To prevent the axis titles from bumping into each other, we’ll set
wrap = 20
, where 20 is the number of characters at which to
wrap to the next line. When stats
has length greater than
1, the output is not longer a ggplot
object and can’t be
manipulated using ggplot2
syntax. This limits some of the
options we have to customize it, but the available options using
love.plot()
’s syntax are still useful. We’ll move the
legend to the top of the plot to save space using the
position
argument. We can give the plots different limits
by entering a named list into the limits
argument. We can
do the same for the thresholds
argument. Finally, by
setting var.order = "unadjusted"
, we ensure that the
variable order is the same in both plots (which it will be regardless)
and ordered by the first balance statistic (in this case, mean
differences).
love.plot(treat ~ age + educ + married + nodegree + race + re74 + re75,
data = lalonde, estimand = "ATE",
stats = c("mean.diffs", "ks.statistics"),
weights = list(w1 = get.w(w.out1),
w2 = get.w(w.out2)),
var.order = "unadjusted",
abs = TRUE,
line = FALSE,
thresholds = c(m = .1, ks = .05),
var.names = new.names,
colors = c("red", "blue", "darkgreen"),
shapes = c("triangle filled", "circle filled", "square filled"),
sample.names = c("Unweighted", "PS Weighted", "CBPS Weighted"),
limits = list(m = c(0, .82),
ks = c(0, .45)),
wrap = 20,
position = "top")
Below we recreate the plot in West et al.

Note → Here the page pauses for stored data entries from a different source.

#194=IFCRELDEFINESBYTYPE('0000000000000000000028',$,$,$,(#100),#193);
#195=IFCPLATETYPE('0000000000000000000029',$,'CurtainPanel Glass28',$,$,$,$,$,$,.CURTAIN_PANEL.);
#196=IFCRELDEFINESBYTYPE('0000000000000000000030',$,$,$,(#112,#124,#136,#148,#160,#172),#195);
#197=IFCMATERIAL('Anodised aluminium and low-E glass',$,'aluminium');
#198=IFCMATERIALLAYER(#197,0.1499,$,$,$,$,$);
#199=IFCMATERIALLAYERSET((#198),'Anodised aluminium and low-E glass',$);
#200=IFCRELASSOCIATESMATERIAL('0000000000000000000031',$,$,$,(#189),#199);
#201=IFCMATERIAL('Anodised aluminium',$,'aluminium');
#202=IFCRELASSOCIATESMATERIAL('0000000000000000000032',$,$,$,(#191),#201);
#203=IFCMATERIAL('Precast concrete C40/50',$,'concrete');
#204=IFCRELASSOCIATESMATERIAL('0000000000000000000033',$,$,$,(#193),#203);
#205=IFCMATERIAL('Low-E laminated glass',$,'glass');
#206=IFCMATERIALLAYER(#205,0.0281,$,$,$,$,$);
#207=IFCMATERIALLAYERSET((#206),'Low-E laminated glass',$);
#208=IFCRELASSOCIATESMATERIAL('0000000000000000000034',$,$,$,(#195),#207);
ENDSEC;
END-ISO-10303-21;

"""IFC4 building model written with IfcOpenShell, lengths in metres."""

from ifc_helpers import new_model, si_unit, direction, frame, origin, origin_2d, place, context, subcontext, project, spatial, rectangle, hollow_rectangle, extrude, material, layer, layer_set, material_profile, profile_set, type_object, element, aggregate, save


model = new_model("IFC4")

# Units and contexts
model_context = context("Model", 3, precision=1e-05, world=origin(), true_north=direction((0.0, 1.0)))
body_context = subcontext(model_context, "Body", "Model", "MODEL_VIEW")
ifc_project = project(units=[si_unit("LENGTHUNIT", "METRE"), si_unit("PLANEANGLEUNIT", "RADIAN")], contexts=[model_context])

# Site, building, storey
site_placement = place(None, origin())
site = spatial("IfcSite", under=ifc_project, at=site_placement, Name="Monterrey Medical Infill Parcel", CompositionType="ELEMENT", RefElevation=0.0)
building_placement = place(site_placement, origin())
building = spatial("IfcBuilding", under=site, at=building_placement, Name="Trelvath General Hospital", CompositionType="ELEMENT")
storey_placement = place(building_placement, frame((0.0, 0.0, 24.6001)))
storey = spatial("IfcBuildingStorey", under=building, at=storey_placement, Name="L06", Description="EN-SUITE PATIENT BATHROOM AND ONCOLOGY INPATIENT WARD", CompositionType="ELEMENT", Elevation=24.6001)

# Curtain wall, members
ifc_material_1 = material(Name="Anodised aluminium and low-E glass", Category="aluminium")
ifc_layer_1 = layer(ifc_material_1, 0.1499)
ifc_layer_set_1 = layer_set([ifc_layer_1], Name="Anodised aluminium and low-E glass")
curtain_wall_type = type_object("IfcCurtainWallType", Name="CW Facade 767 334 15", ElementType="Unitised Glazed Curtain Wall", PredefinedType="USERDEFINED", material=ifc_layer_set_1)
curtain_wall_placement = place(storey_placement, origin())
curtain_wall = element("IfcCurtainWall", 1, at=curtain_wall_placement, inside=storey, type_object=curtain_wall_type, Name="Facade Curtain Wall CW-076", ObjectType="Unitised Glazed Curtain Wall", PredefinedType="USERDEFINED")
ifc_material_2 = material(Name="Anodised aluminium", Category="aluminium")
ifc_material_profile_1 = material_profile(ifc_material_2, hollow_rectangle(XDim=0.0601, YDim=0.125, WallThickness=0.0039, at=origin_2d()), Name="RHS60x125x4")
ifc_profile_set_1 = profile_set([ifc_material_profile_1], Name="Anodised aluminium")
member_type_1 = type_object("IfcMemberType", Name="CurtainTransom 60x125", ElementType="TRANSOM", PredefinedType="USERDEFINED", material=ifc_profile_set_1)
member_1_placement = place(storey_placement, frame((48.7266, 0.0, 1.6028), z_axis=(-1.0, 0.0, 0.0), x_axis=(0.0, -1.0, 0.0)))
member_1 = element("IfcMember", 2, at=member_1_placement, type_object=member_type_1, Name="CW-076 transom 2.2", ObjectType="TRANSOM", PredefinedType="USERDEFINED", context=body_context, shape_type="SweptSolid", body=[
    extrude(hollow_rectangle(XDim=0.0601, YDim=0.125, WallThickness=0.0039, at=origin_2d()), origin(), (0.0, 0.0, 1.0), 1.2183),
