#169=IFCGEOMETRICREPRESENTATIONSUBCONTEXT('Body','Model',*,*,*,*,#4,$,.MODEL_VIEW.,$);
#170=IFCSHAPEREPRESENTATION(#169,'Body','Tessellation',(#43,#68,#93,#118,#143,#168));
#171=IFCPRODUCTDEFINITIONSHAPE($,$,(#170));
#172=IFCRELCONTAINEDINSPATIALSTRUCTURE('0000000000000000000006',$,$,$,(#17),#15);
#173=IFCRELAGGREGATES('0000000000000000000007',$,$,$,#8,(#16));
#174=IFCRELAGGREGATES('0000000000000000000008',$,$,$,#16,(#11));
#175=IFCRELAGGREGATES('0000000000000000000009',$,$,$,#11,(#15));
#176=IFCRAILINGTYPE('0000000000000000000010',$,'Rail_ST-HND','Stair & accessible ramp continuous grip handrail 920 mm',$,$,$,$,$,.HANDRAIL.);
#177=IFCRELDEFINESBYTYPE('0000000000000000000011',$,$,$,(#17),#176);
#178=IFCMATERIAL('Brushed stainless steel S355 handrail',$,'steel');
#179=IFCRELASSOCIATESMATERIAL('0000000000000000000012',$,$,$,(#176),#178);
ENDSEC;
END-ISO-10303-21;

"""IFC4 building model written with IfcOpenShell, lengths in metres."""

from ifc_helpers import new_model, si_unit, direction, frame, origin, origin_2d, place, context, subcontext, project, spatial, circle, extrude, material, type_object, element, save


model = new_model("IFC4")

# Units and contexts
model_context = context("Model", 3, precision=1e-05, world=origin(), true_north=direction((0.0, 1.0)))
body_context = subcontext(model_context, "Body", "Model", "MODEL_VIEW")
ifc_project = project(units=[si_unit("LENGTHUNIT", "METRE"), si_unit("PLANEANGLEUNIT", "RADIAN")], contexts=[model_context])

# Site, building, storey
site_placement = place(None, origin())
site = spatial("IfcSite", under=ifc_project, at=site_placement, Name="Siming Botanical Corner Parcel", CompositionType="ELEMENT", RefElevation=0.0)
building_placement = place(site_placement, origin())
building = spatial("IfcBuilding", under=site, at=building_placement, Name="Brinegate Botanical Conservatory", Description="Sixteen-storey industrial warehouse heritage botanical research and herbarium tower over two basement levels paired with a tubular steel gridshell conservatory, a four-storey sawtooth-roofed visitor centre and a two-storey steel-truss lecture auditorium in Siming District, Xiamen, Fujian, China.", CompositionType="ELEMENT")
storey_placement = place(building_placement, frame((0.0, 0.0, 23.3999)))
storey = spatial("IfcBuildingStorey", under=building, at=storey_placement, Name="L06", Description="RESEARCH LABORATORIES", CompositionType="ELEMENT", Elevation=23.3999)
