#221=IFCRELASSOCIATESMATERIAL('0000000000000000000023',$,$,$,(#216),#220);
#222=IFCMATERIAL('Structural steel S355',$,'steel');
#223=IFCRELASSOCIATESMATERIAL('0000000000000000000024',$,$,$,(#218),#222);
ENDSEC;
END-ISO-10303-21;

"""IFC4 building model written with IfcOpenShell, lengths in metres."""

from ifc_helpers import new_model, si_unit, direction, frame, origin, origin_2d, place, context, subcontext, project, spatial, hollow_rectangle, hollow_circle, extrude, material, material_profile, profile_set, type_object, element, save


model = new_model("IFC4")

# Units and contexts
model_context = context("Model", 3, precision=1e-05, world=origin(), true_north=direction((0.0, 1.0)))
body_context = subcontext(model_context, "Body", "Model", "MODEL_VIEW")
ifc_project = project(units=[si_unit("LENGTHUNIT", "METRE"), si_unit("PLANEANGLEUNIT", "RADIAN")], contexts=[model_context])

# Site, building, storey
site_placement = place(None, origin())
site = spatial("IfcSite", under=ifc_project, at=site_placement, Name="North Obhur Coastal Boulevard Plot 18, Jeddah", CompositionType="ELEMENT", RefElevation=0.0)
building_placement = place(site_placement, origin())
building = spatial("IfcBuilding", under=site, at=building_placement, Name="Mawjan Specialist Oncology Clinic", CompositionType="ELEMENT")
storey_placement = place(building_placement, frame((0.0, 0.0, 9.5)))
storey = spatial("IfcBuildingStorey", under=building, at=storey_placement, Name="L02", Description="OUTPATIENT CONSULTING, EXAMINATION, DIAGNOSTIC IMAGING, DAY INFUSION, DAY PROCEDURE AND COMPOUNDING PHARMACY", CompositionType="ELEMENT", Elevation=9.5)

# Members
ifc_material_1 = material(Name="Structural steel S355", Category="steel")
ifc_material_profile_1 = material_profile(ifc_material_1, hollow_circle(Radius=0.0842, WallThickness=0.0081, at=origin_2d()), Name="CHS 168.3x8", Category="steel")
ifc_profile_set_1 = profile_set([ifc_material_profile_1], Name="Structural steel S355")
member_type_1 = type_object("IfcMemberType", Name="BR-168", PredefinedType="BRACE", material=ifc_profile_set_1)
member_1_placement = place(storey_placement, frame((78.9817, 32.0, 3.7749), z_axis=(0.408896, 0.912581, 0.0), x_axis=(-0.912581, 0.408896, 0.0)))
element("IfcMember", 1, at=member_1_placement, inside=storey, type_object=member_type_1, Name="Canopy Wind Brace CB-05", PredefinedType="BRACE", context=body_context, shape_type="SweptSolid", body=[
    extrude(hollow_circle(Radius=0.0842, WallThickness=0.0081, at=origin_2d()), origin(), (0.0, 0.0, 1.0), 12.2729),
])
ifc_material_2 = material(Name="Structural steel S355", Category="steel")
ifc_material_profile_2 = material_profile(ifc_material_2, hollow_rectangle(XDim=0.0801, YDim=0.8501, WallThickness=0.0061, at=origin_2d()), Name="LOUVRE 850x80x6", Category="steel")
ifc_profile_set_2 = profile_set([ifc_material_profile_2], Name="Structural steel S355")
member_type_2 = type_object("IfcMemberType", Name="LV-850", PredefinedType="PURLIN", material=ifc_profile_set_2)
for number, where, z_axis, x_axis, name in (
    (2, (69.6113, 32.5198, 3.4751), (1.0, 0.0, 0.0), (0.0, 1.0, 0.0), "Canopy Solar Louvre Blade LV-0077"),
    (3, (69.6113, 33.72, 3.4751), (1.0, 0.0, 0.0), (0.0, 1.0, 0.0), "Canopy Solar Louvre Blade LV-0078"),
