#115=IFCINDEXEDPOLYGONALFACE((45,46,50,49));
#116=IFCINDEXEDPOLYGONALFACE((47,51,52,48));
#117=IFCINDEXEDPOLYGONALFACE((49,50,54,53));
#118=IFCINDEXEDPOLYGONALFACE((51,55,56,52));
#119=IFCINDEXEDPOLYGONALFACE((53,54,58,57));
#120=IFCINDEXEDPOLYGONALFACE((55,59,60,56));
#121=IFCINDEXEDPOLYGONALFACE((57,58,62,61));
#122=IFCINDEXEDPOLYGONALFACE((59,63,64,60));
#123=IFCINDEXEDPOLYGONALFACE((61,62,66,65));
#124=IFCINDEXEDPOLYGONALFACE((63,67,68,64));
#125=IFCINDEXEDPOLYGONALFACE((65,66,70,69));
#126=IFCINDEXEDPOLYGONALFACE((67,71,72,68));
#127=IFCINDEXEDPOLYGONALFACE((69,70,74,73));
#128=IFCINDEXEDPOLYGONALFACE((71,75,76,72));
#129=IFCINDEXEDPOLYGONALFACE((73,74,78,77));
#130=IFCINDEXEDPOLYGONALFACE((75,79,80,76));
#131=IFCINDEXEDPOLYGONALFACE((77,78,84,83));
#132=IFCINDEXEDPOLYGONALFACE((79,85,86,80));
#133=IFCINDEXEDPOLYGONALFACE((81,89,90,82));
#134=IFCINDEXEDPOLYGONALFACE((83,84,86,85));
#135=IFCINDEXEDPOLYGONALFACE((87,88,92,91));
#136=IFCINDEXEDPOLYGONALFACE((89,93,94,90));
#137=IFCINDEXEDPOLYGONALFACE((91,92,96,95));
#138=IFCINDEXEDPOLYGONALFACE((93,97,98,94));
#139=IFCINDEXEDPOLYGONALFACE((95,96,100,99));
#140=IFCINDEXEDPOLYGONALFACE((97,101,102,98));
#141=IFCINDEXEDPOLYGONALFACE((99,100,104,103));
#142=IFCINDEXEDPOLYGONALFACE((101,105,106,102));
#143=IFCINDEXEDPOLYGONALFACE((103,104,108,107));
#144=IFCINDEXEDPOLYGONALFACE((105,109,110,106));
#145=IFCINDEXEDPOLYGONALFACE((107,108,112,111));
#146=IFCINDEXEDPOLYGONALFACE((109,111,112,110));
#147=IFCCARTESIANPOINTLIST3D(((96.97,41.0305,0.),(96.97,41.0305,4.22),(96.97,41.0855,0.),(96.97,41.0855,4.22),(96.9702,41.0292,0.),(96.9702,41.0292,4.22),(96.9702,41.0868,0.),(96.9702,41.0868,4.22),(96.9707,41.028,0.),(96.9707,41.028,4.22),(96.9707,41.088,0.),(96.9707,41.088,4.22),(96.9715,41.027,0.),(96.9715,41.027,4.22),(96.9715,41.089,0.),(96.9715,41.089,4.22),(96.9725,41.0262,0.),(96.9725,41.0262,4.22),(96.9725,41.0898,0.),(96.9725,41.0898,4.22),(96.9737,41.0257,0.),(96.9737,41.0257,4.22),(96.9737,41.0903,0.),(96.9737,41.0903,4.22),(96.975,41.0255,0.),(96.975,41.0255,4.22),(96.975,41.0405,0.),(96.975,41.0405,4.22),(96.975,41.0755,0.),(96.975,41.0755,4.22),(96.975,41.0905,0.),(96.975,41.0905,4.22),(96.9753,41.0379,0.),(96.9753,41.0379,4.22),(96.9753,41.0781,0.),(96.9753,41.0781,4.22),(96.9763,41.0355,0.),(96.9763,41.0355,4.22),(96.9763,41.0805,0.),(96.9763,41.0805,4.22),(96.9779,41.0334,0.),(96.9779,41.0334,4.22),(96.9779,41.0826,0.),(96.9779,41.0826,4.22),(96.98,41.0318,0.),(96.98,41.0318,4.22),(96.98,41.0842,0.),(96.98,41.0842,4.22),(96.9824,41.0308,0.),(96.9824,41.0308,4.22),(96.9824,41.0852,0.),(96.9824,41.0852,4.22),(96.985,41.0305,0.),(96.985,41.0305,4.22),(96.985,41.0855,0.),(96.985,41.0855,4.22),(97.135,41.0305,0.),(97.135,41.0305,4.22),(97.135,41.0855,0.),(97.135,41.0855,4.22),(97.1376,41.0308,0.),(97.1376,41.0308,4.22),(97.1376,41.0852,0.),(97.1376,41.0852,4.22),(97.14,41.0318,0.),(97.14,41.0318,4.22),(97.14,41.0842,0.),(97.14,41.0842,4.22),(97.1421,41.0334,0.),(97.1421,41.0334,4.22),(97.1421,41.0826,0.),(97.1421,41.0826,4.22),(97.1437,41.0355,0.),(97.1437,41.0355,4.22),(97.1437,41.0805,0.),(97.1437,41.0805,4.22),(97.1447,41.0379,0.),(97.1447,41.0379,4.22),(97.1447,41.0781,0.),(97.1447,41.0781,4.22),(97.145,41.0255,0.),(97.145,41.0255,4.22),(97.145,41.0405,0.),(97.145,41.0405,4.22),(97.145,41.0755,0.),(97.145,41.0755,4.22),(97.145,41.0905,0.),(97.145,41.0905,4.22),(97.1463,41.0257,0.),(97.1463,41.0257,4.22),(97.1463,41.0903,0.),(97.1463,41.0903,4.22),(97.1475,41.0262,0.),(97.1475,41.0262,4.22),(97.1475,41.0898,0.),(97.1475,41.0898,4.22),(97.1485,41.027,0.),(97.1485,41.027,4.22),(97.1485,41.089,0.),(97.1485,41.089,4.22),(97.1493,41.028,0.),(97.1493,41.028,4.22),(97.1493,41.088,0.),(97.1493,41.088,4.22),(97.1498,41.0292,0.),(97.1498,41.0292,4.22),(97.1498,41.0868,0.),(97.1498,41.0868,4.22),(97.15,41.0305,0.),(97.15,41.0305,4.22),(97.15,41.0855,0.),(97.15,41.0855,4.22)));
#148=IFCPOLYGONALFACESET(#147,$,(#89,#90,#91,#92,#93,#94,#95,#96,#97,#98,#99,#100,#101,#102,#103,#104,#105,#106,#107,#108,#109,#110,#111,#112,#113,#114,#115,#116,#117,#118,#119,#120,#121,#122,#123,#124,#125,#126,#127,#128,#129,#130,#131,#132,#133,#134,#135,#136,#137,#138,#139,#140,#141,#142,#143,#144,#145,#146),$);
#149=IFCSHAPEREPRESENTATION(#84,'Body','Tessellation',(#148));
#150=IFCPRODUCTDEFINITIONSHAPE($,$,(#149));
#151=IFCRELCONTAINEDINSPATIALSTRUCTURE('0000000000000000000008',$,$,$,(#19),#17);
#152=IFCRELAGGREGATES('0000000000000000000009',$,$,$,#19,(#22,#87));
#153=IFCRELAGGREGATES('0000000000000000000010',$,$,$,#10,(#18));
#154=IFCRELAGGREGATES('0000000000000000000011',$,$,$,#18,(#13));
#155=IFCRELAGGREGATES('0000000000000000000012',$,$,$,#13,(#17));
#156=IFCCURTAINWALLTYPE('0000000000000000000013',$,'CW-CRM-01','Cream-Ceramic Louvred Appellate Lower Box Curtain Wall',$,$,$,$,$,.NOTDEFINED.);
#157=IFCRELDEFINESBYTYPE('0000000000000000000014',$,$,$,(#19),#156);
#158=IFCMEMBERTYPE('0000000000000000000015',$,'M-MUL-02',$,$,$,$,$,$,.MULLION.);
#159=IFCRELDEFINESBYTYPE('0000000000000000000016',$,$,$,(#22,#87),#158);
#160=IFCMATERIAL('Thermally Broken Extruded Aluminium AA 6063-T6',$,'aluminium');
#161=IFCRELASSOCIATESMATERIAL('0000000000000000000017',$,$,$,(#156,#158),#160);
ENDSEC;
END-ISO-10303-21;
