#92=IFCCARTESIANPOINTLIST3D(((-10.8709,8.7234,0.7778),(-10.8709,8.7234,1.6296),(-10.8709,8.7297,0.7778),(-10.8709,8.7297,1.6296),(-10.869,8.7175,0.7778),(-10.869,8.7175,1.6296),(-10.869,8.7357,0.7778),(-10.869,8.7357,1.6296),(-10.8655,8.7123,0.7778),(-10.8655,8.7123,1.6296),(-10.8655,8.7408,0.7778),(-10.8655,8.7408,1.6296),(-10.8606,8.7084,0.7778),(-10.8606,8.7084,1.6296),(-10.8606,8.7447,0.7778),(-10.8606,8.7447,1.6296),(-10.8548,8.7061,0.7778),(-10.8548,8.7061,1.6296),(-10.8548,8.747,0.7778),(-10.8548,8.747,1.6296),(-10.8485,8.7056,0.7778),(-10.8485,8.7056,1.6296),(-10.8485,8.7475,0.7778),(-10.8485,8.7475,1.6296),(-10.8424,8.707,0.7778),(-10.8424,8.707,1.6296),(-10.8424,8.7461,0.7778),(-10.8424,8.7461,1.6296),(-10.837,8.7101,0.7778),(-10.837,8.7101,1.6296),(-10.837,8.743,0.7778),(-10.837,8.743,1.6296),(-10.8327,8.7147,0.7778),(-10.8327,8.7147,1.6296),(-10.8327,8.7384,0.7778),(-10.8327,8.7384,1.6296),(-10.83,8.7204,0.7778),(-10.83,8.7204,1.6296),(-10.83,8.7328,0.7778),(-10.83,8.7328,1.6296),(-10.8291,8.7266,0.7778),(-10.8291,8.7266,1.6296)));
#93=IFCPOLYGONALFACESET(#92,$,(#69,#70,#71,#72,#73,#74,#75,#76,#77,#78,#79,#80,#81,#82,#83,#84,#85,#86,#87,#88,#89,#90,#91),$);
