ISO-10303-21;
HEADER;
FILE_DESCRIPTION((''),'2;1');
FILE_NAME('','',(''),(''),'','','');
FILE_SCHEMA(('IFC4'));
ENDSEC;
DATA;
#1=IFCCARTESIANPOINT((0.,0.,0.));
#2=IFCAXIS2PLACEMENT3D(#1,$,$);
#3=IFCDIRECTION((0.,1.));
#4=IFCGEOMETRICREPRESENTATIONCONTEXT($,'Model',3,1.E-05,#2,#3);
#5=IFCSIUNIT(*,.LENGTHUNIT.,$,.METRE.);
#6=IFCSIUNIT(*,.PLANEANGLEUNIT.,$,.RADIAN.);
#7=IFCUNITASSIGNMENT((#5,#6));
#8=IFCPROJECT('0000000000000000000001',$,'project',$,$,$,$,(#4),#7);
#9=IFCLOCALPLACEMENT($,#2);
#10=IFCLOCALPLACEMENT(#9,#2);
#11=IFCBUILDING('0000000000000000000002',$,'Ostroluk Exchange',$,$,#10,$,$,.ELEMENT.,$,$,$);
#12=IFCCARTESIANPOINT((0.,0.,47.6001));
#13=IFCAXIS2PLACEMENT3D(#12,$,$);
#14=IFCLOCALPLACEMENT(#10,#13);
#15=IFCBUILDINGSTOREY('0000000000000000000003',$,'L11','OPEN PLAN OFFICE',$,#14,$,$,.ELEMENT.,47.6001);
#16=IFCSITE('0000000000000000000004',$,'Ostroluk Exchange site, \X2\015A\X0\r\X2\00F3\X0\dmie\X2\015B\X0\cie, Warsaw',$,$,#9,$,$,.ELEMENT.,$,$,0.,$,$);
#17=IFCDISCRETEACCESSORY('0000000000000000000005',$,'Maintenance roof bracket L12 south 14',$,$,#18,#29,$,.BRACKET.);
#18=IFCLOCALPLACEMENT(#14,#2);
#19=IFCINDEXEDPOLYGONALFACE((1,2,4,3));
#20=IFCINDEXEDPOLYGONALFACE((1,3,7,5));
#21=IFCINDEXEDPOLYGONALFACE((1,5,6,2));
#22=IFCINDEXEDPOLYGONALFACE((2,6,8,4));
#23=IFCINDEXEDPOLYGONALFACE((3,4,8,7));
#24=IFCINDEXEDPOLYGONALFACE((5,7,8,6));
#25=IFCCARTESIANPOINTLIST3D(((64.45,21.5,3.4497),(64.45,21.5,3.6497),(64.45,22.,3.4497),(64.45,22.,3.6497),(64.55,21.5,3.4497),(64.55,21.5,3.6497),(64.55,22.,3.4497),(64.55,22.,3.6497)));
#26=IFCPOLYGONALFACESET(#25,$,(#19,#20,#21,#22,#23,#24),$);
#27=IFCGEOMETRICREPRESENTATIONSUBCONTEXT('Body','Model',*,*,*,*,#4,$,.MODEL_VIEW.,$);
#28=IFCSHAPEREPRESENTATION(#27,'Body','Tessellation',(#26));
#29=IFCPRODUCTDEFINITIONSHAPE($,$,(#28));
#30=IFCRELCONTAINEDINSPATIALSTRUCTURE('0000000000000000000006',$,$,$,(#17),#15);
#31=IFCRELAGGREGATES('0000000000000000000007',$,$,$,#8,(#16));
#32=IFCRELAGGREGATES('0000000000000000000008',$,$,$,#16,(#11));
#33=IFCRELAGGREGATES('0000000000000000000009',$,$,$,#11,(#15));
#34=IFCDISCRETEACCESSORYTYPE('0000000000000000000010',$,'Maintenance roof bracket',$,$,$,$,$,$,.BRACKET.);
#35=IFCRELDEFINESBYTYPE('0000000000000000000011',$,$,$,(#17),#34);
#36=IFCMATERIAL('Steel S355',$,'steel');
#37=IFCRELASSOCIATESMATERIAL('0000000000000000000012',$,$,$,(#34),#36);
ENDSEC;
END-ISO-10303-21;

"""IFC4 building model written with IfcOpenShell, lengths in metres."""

from ifc_helpers import new_model, si_unit, direction, frame, origin, origin_2d, place, context, subcontext, project, spatial, rectangle, extrude, material, type_object, element, save


model = new_model("IFC4")

# Units and contexts
model_context = context("Model", 3, precision=1e-05, world=origin(), true_north=direction((0.0, 1.0)))
body_context = subcontext(model_context, "Body", "Model", "MODEL_VIEW")
ifc_project = project(units=[si_unit("LENGTHUNIT", "METRE"), si_unit("PLANEANGLEUNIT", "RADIAN")], contexts=[model_context])

# Site, building, storey
site_placement = place(None, origin())
site = spatial("IfcSite", under=ifc_project, at=site_placement, Name="Ostroluk Exchange site, Śródmieście, Warsaw", CompositionType="ELEMENT", RefElevation=0.0)
building_placement = place(site_placement, origin())
building = spatial("IfcBuilding", under=site, at=building_placement, Name="Ostroluk Exchange", CompositionType="ELEMENT")
storey_placement = place(building_placement, frame((0.0, 0.0, 47.6001)))
storey = spatial("IfcBuildingStorey", under=building, at=storey_placement, Name="L11", Description="OPEN PLAN OFFICE", CompositionType="ELEMENT", Elevation=47.6001)

# Discrete accessory
ifc_material_1 = material(Name="Steel S355", Category="steel")
discrete_accessory_type = type_object("IfcDiscreteAccessoryType", Name="Maintenance roof bracket", PredefinedType="BRACKET", material=ifc_material_1)
for number, where, z_axis, x_axis, name in (
    (1, (64.5, 21.75, 3.4497), (0.0, 0.0, 1.0), (1.0, 0.0, 0.0), "Maintenance roof bracket L12 south 14"),
):
    element("IfcDiscreteAccessory", number, at=place(storey_placement, frame(where, z_axis=z_axis, x_axis=x_axis)), inside=storey, type_object=discrete_accessory_type, Name=name, PredefinedType="BRACKET", context=body_context, shape_type="SweptSolid", body=[
        extrude(rectangle(XDim=0.1001, YDim=0.5, at=origin_2d()), origin(), (0.0, 0.0, 1.0), 0.2),
    ])

save(model, "model.ifc")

(2014), which uses a simple theme and avoids color, which can be
important for publication. In addition, the plot has labels and puts the
legend in a different position. We can include those features by
including an argument to labels
and by supplying a
theme
object to themes
:
love.plot(w.out1, abs = FALSE,
stats = c("mean.diffs", "variance.ratios"),
drop.distance = TRUE,
var.names = new.names,
thresholds = c(v = 2),
limits = list(m = c(-.9, .9),
v = c(.3, 6)),
shapes = c("circle filled", "circle"),
position = "none",
labels = TRUE,
title = NULL,
wrap = 20,
themes = list(v = theme(legend.position = c(.75, 1.09),
legend.title = element_blank(),
legend.key.size = unit(.02, "npc"))))
When using love.plot
, you might see a warning that says
Standardized mean differences and raw mean differences are present in the same plot. Use the 'stars' argument to distinguish between them and appropriately label the x-axis.
.
We avoided this here by setting binary
to
"std"
so that only standardized mean differences are
produced when requesting stats = "mean.diffs"
. The
stars
argument adds an asterisk (or a character of your
choice) to the names of variables that either have standardized mean
difference or raw mean differences, whichever you choose. The idea is
that the asterisk will be explained in a caption below the plot,
indicating that the axis title doesn’t fully represent how that
variable’s mean difference is displayed. For example, you might make the
following plot:
love.plot(w.out1, binary = "raw",
stars = "raw",
drop.distance = TRUE,
var.names = new.names)
By setting stars = "raw"
, asterisks appear next to the
variables for which the raw difference in means (i.e., proportions) is
displayed, contradicting the axis title. In the figure’s caption, you
might write
* indicates variables for which the displayed value is the raw (unstandardized) difference in means.
This ensures readers can fully and accurately interpret the plot. My suggestion is to display standardized mean differences for all variables as well as KS statistics. The KS statistic for a binary variable is the raw difference in proportion, so that information is not lost.